# ureteral stent question



## rogers (Oct 2, 2012)

Is there a code that can be billed for the removal and the replacement of a ureteral stent WITH cystoscopy?  I can only find codes that are WITHOUT cystoscopy.  Thanks in advance.


----------



## megmom72@gmail.com (Oct 2, 2012)

*Ureteral stent removal code*

Hi. You can bill for 52310 "Cystourethroscopy, with removal of foreign body, calculus, or ureteral stent from urethra or bladder (separate procedure); simple.

Hope this helps.


Regina McGee, CPC, CPMA


----------



## torih@nwurology.com (Oct 3, 2012)

Look at 52332. That's for insertion of stent and that includes the exchange and cysto.

Tori, CPC


----------



## megmom72@gmail.com (Oct 3, 2012)

Hi again.  I re-read your question again which basically is whether you can bill for the placement of the new and the removal of the old. While there is no single code for stent "exchange," there is a code for "removal" and another code for "placement."
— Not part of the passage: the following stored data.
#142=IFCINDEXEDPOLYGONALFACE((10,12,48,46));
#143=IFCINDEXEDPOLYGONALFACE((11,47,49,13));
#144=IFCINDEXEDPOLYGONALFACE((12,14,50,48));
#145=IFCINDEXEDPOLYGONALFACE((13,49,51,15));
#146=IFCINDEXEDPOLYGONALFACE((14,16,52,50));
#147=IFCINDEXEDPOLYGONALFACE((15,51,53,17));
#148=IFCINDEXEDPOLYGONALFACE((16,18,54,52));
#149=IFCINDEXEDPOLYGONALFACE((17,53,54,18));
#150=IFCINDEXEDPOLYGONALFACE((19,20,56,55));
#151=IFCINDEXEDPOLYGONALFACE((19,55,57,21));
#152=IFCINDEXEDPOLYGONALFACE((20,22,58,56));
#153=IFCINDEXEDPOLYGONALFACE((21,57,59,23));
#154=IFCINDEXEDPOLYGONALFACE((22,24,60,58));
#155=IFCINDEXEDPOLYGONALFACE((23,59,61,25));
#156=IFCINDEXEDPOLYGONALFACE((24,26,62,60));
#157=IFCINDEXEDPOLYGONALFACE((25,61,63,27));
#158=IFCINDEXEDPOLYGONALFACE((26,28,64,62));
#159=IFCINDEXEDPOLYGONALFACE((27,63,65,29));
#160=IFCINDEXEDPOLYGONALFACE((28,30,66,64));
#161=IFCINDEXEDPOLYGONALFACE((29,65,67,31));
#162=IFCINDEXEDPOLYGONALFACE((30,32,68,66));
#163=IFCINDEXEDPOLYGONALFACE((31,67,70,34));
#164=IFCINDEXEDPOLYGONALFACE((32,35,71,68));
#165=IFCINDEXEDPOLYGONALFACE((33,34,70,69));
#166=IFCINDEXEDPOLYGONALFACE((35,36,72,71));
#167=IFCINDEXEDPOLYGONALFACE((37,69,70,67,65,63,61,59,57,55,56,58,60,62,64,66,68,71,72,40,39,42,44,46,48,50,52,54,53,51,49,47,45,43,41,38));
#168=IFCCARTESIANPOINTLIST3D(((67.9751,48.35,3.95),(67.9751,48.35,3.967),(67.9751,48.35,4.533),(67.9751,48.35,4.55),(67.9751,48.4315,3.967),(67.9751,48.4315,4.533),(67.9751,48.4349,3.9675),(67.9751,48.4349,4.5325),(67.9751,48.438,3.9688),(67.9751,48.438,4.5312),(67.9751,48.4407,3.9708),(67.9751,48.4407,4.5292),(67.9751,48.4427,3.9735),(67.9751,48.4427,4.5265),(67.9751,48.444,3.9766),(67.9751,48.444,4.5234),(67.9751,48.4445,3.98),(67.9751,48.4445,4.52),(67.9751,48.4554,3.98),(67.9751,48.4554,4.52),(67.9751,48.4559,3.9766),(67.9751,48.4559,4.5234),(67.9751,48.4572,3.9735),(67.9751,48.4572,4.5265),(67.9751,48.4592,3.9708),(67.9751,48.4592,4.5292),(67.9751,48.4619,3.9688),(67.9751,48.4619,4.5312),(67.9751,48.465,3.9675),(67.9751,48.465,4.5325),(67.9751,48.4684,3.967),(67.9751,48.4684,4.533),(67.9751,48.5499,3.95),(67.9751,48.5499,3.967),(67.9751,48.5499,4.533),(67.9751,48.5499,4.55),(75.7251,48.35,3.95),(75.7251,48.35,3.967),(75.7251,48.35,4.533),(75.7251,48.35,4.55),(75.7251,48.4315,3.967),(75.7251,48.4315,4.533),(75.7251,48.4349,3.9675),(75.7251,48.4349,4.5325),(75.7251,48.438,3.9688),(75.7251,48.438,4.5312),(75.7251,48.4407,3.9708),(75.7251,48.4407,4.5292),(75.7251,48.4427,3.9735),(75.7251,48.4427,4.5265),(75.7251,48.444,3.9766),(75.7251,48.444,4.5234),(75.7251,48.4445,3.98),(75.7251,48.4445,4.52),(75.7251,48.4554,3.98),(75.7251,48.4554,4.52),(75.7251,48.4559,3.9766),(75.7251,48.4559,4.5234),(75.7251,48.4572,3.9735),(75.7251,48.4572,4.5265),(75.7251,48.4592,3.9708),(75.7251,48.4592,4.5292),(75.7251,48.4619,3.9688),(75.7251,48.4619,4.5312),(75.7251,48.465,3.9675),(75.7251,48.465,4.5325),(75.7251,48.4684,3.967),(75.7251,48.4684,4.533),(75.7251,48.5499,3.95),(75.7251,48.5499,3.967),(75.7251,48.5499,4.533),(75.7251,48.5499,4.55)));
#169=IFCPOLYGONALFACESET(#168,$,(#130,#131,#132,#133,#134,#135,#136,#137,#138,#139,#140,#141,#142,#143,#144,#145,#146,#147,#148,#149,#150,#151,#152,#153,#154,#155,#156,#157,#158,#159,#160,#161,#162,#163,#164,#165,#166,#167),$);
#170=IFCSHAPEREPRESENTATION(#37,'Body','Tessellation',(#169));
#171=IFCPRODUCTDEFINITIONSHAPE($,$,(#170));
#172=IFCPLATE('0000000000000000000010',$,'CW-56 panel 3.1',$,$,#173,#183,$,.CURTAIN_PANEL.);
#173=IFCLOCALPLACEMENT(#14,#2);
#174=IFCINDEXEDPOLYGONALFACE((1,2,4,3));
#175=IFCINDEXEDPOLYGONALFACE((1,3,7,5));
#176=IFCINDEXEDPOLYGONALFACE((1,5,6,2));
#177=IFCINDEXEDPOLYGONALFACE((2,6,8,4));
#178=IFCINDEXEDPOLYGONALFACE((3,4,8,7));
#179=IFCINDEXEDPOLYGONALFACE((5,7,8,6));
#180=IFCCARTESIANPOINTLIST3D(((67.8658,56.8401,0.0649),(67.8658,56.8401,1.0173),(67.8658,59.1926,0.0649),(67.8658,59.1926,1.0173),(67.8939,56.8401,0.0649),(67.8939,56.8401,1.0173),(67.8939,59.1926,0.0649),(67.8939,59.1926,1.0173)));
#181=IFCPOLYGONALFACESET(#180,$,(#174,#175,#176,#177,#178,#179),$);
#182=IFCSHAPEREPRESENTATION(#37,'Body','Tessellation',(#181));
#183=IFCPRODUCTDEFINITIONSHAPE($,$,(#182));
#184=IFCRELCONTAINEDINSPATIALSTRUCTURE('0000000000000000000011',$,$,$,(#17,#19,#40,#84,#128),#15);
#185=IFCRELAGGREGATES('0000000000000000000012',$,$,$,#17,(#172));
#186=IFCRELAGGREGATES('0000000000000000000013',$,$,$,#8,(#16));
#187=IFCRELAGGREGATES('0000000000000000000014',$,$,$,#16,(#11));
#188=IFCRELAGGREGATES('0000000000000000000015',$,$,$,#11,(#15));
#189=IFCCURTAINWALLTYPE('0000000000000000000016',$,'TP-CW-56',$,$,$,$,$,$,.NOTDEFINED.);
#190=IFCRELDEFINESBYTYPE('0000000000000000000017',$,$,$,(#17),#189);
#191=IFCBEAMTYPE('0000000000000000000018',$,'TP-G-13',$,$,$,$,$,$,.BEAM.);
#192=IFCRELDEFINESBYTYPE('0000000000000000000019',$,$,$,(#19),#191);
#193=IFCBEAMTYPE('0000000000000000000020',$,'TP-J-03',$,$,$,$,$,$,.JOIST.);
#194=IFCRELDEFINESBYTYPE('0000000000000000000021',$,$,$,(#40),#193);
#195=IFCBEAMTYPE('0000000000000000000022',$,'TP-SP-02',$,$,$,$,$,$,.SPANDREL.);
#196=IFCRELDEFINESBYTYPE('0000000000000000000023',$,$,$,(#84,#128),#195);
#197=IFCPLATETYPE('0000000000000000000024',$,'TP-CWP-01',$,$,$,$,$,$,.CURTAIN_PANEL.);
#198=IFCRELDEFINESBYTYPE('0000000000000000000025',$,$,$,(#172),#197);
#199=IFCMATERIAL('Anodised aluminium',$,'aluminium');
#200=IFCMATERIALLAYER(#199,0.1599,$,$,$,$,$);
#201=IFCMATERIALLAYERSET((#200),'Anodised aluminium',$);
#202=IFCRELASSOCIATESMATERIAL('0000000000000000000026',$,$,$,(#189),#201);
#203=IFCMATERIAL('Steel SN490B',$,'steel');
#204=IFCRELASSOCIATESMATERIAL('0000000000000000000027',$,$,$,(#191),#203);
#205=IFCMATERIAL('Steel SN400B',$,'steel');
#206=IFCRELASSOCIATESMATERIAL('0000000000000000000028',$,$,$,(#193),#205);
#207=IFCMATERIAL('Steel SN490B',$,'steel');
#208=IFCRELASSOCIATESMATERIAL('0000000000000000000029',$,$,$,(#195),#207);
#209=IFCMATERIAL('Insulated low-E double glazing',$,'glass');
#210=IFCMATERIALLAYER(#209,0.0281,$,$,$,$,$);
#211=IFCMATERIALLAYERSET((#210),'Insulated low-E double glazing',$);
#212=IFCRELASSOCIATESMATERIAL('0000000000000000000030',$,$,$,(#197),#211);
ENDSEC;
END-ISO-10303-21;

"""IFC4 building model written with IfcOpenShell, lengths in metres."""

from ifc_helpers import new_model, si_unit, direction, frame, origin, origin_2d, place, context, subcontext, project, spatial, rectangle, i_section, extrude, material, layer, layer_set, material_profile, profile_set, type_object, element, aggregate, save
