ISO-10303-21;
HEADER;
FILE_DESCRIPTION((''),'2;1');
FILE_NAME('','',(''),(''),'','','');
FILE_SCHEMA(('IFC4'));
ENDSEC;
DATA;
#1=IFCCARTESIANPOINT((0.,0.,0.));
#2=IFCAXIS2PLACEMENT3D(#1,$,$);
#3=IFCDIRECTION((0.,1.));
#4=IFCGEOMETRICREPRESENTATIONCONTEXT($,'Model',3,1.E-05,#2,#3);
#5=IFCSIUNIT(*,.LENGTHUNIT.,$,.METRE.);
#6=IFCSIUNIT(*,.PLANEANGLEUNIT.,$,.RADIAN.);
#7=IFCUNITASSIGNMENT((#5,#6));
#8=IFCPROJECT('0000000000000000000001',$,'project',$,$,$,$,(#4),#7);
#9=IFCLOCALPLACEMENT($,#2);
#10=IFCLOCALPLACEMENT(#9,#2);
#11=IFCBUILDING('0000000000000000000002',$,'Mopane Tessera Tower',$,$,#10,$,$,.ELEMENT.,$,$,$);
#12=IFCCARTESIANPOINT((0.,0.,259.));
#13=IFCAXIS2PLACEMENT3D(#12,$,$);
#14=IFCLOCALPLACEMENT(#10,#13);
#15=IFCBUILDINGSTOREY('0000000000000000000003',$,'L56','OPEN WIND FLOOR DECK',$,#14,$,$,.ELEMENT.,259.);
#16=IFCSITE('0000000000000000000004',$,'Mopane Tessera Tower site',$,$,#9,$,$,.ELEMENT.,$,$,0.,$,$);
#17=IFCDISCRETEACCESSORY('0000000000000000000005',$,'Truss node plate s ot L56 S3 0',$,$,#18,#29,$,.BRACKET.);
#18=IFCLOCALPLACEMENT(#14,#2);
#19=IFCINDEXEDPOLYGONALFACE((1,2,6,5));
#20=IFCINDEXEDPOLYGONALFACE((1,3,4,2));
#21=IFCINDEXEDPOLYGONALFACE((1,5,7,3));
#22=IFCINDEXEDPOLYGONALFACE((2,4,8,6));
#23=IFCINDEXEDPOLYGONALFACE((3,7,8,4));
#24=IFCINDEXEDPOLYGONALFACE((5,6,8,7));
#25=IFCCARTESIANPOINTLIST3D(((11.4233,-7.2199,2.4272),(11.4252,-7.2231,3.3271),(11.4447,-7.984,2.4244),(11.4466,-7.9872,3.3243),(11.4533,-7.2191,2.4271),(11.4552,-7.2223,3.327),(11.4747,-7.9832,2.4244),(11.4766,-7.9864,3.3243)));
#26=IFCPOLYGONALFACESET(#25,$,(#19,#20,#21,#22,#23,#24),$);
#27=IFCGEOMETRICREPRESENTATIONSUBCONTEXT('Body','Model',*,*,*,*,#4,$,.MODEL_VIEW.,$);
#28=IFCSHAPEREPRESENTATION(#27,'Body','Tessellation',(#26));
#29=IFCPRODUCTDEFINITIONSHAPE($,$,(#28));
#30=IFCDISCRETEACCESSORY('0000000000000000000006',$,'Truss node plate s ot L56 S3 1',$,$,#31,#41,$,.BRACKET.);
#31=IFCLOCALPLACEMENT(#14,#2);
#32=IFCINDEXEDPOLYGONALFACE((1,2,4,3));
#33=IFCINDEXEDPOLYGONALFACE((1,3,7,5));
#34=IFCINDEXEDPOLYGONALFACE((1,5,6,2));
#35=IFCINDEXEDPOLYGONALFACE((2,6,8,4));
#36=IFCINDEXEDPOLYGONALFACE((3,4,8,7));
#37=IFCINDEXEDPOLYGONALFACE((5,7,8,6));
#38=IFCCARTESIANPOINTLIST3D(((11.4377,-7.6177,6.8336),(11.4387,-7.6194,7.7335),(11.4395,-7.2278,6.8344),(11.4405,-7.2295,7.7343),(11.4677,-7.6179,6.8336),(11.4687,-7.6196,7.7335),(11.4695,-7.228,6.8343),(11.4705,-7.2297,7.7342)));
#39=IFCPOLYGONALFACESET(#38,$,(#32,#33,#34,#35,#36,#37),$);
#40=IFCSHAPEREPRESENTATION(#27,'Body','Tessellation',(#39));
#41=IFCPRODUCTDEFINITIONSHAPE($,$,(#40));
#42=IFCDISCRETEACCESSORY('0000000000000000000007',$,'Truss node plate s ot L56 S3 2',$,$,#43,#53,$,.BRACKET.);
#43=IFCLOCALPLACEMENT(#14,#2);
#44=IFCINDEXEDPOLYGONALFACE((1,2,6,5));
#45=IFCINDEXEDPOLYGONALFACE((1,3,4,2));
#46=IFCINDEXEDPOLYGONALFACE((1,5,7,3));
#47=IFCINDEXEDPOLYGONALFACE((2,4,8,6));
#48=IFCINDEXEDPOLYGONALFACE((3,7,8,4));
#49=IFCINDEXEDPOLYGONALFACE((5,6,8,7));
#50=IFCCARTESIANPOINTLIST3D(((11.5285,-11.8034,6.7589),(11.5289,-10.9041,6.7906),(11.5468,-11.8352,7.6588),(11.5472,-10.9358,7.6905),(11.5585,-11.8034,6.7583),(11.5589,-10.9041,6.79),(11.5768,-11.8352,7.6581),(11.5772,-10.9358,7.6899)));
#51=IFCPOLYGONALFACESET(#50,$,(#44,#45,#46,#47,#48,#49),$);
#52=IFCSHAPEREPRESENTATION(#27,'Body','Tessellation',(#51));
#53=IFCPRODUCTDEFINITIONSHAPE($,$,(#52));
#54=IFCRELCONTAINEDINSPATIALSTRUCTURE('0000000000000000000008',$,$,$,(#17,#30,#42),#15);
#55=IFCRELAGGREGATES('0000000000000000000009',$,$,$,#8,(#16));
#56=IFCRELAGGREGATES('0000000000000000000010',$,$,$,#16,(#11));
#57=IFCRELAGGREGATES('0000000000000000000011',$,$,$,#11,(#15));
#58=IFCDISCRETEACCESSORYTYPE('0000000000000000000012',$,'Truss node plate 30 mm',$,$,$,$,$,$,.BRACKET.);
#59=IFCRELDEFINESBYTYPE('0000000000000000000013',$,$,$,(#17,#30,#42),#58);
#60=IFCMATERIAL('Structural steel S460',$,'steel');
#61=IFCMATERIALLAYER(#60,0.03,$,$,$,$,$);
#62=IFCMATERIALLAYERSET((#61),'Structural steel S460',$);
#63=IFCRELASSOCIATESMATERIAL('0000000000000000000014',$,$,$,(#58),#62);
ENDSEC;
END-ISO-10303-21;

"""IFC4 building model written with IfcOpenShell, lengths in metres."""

from ifc_helpers import new_model, si_unit, direction, frame, origin, origin_2d, place, context, subcontext, project, spatial, rectangle, extrude, material, layer, layer_set, type_object, element, save


model = new_model("IFC4")

# Units and contexts
model_context = context("Model", 3, precision=1e-05, world=origin(), true_north=direction((0.0, 1.0)))
body_context = subcontext(model_context, "Body", "Model", "MODEL_VIEW")
ifc_project = project(units=[si_unit("LENGTHUNIT", "METRE"), si_unit("PLANEANGLEUNIT", "RADIAN")], contexts=[model_context])

# Site, building, storey
site_placement = place(None, origin())
site = spatial("IfcSite", under=ifc_project, at=site_placement, Name="Mopane Tessera Tower site", CompositionType="ELEMENT", RefElevation=0.0)
building_placement = place(site_placement, origin())
building = spatial("IfcBuilding", under=site, at=building_placement, Name="Mopane Tessera Tower", CompositionType="ELEMENT")
storey_placement = place(building_placement, frame((0.0, 0.0, 259.0)))
storey = spatial("IfcBuildingStorey", under=building, at=storey_placement, Name="L56", Description="OPEN WIND FLOOR DECK", CompositionType="ELEMENT", Elevation=259.0)

# Discrete accessories
ifc_material_1 = material(Name="Structural steel S460", Category="steel")
ifc_layer_1 = layer(ifc_material_1, 0.03)
ifc_layer_set_1 = layer_set([ifc_layer_1], Name="Structural steel S460")
discrete_accessory_type_1 = type_object("IfcDiscreteAccessoryType", Name="Truss node plate 30 mm", PredefinedType="BRACKET", material=ifc_layer_set_1)
discrete_accessory_1_placement = place(storey_placement, frame((11.449, -7.6016, 2.4258), z_axis=(0.00217, -0.003527, 0.999991), x_axis=(0.999606, 0.027989, -0.002071)))
element("IfcDiscreteAccessory", 1, at=discrete_accessory_1_placement, inside=storey, type_object=discrete_accessory_type_1, Name="Truss node plate s ot L56 S3 0", PredefinedType="BRACKET", context=body_context, shape_type="SweptSolid", body=[
    extrude(rectangle(XDim=0.03, YDim=0.7644, at=origin_2d()), origin(), (0.0, 0.0, 1.0), 0.8999),
])
discrete_accessory_2_placement = place(storey_placement, frame((11.4536, -7.4229, 6.834), z_axis=(0.001085, -0.001899, 0.999998), x_axis=(0.999989, -0.004521, -0.001094)))
element("IfcDiscreteAccessory", 2, at=discrete_accessory_2_placement, inside=storey, type_object=discrete_accessory_type_1, Name="Truss node plate s ot L56 S3 1", PredefinedType="BRACKET", context=body_context, shape_type="SweptSolid", body=[
    extrude(rectangle(XDim=0.03, YDim=0.3899, at=origin_2d()), origin(), (0.0, 0.0, 1.0), 0.8999),
])
discrete_accessory_3_placement = place(storey_placement, frame((11.5437, -11.3538, 6.7744), z_axis=(0.02033, -0.035239, 0.999172), x_axis=(0.999793, 0.000325, -0.020332)))
element("IfcDiscreteAccessory", 3, at=discrete_accessory_3_placement, inside=storey, type_object=discrete_accessory_type_1, Name="Truss node plate s ot L56 S3 2", PredefinedType="BRACKET", context=body_context, shape_type="SweptSolid", body=[
    extrude(rectangle(XDim=0.03, YDim=0.8999, at=origin_2d()), origin(), (0.0, 0.0, 1.0), 0.9006),
])

save(model, "model.ifc")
Tori is correct,  52332 already includes the removal 52310.  Pls check this weblink in Supercoder.com: http://www.supercoder.com/coding-tools/cci-edits

"In most circumstances you cannot bill for removal of a previously placed stent (CPT code 52310 "Cystourethroscopy, with removal of foreign body, calculus, or ureteral stent from urethra or bladder [separate procedure]; simple") when the physician performs a stent replacement."

Hope this further helps.


Regina, CPC, CPMA


----------